Lots of issues to take into account, but one big one is scale. When you wear this thing, you're supposed to be immersed. If everything in your world is like twice the size of real-life stuff, that immersion is broken. Some dev studios may not have the means to go back and rework all their models to proper sizes. PC gaming studios have a bit of an advantage here where they won't have a first party like Microsoft breathing down their neck to make them support it.

Then there's the business side of things that would have to be worked out. That'd be a nightmare.

A more likely scenario is Microsoft/Sony/Nintendo rushing their R&D departments to copy the design and throw their own spin on it.


----------



## αshɘs (Sep 3, 2013)

It's not like right now many console games could support it. If you want it to be immersive (and why wouldn"t you lol) you need steady 60fps and native resolution wouldn't hurt either. Right now many launch games seem to have problems hitting 1080p and steady framerates.


----------



## Alicia (Sep 3, 2013)

Patchouli said:


> The second those consoles get cracked, expect some sort of unofficial support.
> 
> As for official stuff, that falls to Microsoft/Nintendo/Sony to patch their shit to recognize the device. From there, you've got to convince development studios to have their games support it.
> 
> ...





αshɘs said:


> It's not like right now many console games could support it. If you want it to be immersive (and why wouldn"t you lol) you need steady 60fps and native resolution wouldn't hurt either. Right now many launch games seem to have problems hitting 1080p and steady framerates.


----------



## αshɘs (Sep 3, 2013)

welp


----------



## soulnova (Sep 3, 2013)

I had heard about that already. They say is not as impressive as the Occulus Rift. Or perhaps is another prototype? 
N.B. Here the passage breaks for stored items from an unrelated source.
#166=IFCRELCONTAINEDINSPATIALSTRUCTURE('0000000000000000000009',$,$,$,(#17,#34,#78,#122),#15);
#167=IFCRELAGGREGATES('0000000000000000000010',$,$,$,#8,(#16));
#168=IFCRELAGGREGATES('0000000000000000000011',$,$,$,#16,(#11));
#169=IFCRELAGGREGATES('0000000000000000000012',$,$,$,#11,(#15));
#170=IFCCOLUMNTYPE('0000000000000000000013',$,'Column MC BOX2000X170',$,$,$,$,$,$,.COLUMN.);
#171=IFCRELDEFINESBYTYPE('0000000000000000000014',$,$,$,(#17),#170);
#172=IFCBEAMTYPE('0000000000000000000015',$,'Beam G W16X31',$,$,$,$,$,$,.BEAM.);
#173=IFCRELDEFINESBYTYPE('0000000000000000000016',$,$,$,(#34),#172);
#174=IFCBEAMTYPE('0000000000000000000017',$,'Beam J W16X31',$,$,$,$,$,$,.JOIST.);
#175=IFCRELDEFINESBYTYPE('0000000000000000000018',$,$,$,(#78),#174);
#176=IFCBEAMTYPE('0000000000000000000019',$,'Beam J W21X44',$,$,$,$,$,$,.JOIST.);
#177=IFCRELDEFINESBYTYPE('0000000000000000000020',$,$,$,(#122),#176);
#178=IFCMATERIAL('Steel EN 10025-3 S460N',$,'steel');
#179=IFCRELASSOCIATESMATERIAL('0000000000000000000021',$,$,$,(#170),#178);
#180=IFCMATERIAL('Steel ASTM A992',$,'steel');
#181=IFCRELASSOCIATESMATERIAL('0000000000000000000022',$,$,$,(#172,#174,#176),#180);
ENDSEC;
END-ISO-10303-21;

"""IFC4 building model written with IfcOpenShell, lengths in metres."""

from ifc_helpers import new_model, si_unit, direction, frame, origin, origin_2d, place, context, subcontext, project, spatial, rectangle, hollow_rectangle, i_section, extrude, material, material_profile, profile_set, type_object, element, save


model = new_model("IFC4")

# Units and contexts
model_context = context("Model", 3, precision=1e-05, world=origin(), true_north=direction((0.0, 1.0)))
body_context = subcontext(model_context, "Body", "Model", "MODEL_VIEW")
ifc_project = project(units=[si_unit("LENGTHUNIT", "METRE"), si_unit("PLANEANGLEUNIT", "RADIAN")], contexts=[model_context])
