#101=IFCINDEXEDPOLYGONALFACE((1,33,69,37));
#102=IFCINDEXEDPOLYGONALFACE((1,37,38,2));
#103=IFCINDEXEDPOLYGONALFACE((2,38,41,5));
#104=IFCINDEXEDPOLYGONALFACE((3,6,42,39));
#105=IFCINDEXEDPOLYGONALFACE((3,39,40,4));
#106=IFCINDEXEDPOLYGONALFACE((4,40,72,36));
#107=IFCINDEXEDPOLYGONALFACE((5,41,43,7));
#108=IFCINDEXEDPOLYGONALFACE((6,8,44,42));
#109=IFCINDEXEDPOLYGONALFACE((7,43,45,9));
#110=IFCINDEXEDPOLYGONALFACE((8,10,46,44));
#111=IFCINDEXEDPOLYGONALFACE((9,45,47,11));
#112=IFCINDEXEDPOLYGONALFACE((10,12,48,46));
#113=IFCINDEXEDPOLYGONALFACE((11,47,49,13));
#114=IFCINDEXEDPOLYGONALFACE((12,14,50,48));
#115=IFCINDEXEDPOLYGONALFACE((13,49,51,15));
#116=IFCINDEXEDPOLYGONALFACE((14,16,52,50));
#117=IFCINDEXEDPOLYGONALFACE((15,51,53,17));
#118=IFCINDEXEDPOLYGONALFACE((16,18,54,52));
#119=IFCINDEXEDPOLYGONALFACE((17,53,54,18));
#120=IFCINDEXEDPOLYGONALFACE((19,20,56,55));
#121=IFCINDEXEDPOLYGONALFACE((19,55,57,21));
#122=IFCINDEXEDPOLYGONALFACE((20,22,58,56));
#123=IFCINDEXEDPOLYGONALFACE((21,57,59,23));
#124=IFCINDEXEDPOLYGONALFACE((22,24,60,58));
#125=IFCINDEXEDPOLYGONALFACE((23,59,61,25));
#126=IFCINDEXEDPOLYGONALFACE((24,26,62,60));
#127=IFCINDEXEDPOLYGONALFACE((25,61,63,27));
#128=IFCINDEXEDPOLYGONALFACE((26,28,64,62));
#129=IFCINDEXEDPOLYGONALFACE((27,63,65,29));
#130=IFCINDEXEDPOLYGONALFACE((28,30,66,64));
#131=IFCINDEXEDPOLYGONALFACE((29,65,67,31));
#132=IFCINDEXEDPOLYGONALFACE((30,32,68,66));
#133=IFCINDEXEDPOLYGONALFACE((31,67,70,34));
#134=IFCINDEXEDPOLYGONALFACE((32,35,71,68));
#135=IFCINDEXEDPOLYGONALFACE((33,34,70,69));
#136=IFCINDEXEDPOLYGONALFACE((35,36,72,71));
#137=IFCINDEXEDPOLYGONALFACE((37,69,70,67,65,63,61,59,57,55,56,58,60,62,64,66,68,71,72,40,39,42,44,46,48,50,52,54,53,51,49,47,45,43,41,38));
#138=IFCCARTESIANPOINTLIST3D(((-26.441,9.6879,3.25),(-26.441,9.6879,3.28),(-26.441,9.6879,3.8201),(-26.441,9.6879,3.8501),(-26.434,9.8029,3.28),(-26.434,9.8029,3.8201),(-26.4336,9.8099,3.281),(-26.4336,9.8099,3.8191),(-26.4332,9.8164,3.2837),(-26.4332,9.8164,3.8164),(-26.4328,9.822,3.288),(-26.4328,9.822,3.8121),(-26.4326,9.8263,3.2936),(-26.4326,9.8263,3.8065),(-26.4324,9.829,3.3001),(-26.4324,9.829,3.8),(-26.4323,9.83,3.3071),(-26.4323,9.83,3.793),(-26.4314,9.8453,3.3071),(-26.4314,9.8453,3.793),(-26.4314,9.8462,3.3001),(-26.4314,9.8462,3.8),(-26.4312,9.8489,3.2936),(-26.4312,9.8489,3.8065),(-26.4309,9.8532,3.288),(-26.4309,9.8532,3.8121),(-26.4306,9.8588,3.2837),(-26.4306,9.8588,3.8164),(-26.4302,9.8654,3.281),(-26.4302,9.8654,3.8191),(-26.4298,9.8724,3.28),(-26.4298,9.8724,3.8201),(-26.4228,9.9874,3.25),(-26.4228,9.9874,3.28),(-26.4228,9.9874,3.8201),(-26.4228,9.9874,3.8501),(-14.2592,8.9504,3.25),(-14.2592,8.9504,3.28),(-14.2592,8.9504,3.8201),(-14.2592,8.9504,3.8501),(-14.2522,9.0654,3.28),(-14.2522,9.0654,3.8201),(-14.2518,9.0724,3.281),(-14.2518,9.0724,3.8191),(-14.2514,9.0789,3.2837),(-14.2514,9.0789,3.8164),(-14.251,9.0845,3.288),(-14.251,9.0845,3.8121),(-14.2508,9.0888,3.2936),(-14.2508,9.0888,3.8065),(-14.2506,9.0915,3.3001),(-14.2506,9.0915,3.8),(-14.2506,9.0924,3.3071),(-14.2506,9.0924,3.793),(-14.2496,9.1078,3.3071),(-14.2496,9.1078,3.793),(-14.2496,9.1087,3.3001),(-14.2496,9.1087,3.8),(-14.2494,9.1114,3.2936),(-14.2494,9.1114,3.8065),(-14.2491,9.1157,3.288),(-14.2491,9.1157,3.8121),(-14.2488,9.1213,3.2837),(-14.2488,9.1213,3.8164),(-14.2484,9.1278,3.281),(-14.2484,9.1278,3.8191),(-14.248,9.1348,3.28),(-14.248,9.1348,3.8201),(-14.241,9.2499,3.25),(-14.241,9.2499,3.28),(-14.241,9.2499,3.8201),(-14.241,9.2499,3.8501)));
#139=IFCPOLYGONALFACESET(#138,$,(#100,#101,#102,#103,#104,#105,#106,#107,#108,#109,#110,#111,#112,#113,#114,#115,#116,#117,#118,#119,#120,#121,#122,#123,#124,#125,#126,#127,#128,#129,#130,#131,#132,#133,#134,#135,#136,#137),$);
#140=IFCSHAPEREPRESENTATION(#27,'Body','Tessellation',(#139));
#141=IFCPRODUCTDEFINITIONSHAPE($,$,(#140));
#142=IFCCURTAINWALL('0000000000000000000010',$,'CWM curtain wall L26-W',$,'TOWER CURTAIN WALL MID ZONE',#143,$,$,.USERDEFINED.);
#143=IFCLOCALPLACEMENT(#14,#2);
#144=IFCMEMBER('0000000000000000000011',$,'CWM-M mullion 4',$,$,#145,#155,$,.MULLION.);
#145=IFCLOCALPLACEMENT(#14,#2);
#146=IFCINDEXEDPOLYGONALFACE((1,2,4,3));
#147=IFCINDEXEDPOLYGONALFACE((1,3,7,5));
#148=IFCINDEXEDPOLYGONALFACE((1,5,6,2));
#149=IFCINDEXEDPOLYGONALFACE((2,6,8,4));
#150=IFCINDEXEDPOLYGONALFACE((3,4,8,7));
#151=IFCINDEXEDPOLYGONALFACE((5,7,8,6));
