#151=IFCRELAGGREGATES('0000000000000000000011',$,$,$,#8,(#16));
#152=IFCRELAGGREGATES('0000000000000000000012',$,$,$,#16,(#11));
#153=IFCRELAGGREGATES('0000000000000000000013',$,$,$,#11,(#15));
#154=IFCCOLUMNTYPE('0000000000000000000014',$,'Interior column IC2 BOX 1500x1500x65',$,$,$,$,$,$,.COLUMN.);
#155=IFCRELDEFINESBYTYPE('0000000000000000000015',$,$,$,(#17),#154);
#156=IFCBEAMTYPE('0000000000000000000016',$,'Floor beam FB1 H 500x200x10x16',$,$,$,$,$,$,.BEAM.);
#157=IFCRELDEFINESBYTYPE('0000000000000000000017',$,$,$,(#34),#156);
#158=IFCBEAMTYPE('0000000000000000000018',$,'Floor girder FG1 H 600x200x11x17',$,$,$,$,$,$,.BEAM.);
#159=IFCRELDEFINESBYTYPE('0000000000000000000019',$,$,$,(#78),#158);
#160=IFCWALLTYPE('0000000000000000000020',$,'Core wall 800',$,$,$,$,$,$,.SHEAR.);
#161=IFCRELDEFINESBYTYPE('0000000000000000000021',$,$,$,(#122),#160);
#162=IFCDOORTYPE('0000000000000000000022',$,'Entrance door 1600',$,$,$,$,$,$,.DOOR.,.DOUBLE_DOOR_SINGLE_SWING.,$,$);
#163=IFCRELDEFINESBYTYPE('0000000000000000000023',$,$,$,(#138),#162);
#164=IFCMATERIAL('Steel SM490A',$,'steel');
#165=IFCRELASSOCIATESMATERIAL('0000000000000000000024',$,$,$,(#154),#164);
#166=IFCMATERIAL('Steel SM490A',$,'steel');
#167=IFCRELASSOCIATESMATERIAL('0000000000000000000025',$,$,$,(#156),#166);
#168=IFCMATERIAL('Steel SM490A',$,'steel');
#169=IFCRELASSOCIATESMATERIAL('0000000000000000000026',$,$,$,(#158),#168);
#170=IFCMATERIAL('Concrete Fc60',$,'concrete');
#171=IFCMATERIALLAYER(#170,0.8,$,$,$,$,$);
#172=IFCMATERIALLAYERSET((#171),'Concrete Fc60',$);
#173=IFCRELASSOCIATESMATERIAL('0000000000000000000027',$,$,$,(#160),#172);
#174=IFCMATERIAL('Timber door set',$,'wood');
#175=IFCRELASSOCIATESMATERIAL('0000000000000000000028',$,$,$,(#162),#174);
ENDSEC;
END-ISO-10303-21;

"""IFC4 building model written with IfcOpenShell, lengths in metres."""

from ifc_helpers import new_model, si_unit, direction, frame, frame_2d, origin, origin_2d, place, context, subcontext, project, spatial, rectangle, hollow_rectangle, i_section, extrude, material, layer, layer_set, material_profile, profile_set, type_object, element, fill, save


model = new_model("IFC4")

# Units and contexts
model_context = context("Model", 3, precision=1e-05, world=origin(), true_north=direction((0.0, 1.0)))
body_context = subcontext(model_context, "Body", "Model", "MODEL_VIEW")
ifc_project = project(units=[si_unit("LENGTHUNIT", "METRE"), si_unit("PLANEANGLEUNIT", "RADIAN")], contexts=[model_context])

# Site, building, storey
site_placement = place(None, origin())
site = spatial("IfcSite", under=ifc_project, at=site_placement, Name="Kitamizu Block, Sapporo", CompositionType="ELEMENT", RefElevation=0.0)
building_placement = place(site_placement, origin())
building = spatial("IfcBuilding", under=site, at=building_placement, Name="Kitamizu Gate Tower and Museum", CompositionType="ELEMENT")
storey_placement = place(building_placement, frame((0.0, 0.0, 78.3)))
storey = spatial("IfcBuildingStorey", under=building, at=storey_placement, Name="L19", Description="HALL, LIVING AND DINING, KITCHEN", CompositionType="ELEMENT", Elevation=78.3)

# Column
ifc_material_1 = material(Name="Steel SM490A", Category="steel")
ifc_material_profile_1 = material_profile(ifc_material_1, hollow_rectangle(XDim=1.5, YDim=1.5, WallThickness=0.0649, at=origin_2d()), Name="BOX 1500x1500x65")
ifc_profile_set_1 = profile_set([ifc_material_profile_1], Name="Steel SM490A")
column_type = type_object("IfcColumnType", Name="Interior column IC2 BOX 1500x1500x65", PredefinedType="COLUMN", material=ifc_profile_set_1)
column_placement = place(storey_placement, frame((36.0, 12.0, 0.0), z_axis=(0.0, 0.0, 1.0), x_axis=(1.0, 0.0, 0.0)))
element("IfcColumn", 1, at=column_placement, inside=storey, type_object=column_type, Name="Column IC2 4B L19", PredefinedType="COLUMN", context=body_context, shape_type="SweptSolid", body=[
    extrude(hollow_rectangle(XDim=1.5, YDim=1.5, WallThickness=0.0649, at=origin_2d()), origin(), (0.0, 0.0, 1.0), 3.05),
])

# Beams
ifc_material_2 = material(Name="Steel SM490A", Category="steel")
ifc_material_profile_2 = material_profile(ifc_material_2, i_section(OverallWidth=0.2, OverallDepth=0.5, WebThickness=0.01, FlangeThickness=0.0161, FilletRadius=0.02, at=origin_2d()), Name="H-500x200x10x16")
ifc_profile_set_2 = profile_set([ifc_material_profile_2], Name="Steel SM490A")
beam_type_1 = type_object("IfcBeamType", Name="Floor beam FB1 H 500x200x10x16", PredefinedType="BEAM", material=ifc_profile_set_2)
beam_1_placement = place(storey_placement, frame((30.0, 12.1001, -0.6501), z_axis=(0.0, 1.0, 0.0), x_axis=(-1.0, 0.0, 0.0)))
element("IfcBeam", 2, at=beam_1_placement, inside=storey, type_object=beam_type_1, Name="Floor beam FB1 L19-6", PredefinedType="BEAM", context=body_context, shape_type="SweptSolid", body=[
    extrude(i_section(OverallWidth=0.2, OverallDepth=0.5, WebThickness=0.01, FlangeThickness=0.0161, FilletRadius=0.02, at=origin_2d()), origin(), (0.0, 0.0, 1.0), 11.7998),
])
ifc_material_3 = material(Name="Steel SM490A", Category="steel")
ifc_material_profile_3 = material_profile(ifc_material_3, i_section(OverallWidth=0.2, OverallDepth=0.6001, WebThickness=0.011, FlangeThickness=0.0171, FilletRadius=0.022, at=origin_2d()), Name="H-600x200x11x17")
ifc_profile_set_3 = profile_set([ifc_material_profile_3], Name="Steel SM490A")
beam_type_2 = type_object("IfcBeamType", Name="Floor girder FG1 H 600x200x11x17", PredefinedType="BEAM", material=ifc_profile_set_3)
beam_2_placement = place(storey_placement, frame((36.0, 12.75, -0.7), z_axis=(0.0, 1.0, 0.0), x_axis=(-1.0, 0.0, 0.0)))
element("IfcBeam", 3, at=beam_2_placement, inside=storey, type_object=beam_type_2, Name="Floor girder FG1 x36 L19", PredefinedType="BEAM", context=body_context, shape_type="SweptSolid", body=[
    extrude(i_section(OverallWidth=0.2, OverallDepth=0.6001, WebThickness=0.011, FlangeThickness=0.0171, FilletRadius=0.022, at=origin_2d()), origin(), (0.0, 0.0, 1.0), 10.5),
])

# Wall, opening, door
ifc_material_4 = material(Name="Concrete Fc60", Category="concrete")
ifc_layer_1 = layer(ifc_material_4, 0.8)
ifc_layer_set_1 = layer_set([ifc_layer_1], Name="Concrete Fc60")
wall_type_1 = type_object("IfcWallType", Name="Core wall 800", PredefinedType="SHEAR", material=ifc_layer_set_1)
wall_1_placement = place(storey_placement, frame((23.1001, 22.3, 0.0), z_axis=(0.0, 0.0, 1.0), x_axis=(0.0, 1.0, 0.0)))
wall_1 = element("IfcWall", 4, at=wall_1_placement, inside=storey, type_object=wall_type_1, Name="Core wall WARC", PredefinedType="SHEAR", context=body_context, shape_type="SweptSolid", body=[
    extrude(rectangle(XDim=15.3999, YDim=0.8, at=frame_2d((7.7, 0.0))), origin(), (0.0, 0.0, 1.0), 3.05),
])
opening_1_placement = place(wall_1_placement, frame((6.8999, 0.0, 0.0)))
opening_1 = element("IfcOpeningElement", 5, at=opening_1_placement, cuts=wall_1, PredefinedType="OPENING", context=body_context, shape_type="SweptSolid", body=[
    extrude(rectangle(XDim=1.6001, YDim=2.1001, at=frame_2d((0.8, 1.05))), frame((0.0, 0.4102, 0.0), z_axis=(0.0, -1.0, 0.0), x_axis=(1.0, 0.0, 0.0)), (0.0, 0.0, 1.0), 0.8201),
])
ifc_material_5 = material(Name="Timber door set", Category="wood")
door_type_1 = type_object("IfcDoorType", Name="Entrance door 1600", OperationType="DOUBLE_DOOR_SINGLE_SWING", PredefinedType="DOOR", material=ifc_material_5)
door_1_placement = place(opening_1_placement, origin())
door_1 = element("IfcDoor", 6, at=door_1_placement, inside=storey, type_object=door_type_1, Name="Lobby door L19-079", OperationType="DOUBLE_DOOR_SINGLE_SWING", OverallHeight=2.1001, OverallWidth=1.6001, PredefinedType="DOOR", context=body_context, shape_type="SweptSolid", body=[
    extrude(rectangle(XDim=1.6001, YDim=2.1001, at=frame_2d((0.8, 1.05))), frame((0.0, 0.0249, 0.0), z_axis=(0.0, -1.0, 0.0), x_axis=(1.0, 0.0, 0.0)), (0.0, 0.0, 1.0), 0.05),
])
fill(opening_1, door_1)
I still have my hopes on the OR.


----------



## Hunted by sister (Sep 3, 2013)

I'll be able to play Strike Suit Zero and Infinity with this 

//HbS


----------



## Wolfgang Grimmer (Sep 3, 2013)




----------



## ShadowReij (Sep 3, 2013)

Tried it, that shits heavy on the head. Also not a fan of putting a screen so freaking close to my eyes. Excellent research equipment though.


----------



## αshɘs (Sep 3, 2013)

Did you try it at PAX? What was the game you tried it with? Hawken?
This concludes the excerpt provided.